Verheugen then emphasised that "Croatia would not have to wait for the other countries of the region to meet the conditions for accession to the Union", as Croatia would be "evaluated on the basis of its own achievements without double standards, new demands or criteria." He added another important sentence, which was well received in Croatia given the various speculation that Croatia's accession would depend on the readiness of Romania and Bulgaria to enter the European Union. In his words, there was no reason for the European Union to not accept only one country into membership, if it was ready for it. In other words, Verhuegen felt that Croatia could enter the European Union even before Romania and Bulgaria if they fall behind in the reform process.

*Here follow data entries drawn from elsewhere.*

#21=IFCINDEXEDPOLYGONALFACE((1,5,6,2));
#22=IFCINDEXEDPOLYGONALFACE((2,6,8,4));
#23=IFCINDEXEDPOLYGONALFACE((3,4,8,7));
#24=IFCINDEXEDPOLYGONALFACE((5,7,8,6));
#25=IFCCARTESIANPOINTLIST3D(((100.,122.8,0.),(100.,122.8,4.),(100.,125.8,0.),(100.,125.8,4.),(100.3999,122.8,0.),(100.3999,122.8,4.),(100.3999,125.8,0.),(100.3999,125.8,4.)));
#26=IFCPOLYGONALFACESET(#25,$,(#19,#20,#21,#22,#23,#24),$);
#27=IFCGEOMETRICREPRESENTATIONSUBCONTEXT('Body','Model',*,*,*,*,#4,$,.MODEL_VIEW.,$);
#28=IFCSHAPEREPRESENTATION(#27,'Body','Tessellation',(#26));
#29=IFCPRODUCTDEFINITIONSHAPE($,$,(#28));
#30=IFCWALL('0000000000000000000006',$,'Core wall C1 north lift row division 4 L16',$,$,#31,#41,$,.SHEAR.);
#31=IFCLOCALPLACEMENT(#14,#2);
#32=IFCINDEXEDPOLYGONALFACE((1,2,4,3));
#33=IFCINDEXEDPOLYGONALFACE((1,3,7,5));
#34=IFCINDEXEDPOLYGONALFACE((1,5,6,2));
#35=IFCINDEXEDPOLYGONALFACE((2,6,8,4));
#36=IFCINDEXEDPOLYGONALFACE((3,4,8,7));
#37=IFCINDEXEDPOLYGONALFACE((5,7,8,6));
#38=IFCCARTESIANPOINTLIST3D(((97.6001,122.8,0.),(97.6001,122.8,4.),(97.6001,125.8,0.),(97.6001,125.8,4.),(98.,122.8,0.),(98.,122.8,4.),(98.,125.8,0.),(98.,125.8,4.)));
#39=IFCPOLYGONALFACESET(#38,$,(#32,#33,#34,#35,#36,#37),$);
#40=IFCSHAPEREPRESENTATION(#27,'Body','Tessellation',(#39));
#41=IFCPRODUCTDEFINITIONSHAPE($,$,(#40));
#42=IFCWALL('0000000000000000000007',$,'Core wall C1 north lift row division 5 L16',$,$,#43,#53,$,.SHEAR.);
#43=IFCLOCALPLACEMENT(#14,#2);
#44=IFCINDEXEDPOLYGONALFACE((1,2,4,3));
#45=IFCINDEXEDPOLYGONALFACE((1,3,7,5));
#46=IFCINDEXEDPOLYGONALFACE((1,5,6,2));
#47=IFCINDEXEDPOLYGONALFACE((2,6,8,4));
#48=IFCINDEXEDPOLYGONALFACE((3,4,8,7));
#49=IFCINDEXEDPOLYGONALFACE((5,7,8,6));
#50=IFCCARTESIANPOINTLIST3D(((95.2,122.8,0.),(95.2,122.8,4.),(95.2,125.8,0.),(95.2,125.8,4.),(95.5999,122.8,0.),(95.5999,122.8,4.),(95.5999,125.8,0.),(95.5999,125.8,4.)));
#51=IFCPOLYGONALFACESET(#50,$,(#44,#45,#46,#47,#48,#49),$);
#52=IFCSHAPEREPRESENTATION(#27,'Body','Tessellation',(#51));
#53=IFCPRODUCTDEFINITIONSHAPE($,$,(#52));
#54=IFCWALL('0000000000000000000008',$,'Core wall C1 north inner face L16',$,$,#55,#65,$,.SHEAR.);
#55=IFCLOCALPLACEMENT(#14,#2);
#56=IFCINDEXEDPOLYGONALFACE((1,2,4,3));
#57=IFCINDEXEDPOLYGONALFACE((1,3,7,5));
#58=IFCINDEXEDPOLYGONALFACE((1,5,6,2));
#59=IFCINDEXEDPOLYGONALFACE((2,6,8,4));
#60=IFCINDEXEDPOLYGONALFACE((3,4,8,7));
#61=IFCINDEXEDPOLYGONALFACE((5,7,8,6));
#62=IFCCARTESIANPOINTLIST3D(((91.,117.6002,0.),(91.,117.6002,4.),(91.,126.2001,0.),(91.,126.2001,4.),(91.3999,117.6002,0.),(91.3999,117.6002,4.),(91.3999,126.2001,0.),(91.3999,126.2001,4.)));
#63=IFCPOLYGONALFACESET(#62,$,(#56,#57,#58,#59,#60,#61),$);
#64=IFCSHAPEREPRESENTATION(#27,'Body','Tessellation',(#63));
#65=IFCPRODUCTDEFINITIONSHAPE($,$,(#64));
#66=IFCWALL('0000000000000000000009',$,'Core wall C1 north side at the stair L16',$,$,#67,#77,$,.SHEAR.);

But it was then that massive pressure was exerted on Croatia to arrest the fugitive General Ante Gotovina, and Croatia's path to the European Union, as a result of accusations that it was hiding Gotovina, or at least not doing enough to capture him – were stopped. Verheugen said nothing about Croatia's accession over the following months, until October of 2004 when he was in Zagreb again. He was received in Zagreb at the top level. He was received by Croatian President Stipe Mesic, addressed MPs in Croatian Parliament, and took part in a closed session of Government after talks with Prime Minister Ivo Sanader. After the session Verheugen gave a statement that was to calm the Croatian public, worried about warnings that the case of the fugitive General Ante Gotovina could put Croatia's accession to the European Union on hold for an extended period of time. Verheugen said he would advise Luxembourg, the next country to preside over the revolving EU Presidency, to prepare by February or March of 2005 for the start of talks with Croatia. He reiterated to the members of Government that there would be no new conditions for Croatia. Progress would be made on the basis of merits. No country would wait on another, said Verheugen.

When asked if the Ante Gotovina case to stop that, Verheugen said, “After our discussions with the Government I do not believe that will happen. The Government cannot do what is impossible. It can arrest a person, if it knows where they are, but if it does not, then it is impossible. It cannot be held responsible for that", said Verheugen. Croatian Prime Minister Sanader judged Verheugen's statement that Croatia would not have to wait on anyone else as the most important one. But after that there was no significant progress in Croatia's EU accession process, and Croatia continued to come under the fire of accusations that it was harbouring Gotovina.

And that is how it was right up to the moment, in December of 2005, when Gotovina was captured on the Canary Islands, far from Croatia, which was proof that Croatia was unjustly stopped on its path to the European Union, a member of which it could long ago have been. In the meantime Verheugen has taken on a new job at the European Commission, no longer responsible for enlargement, and is now at a much more important post. He has become the European Commission member for entrepreneurship and industry, and is, besides, one of the five vice presidents of the European Commission. He is a very influential and important member of the European Commission, who was unscathed by an embarrassing scandal he found himself in the midst of when it was discovered that he was cheating on his wife with a 14 year younger secretary. Over the past few years there has been speculation that he could be appointed to the post of German Foreign Affairs minister.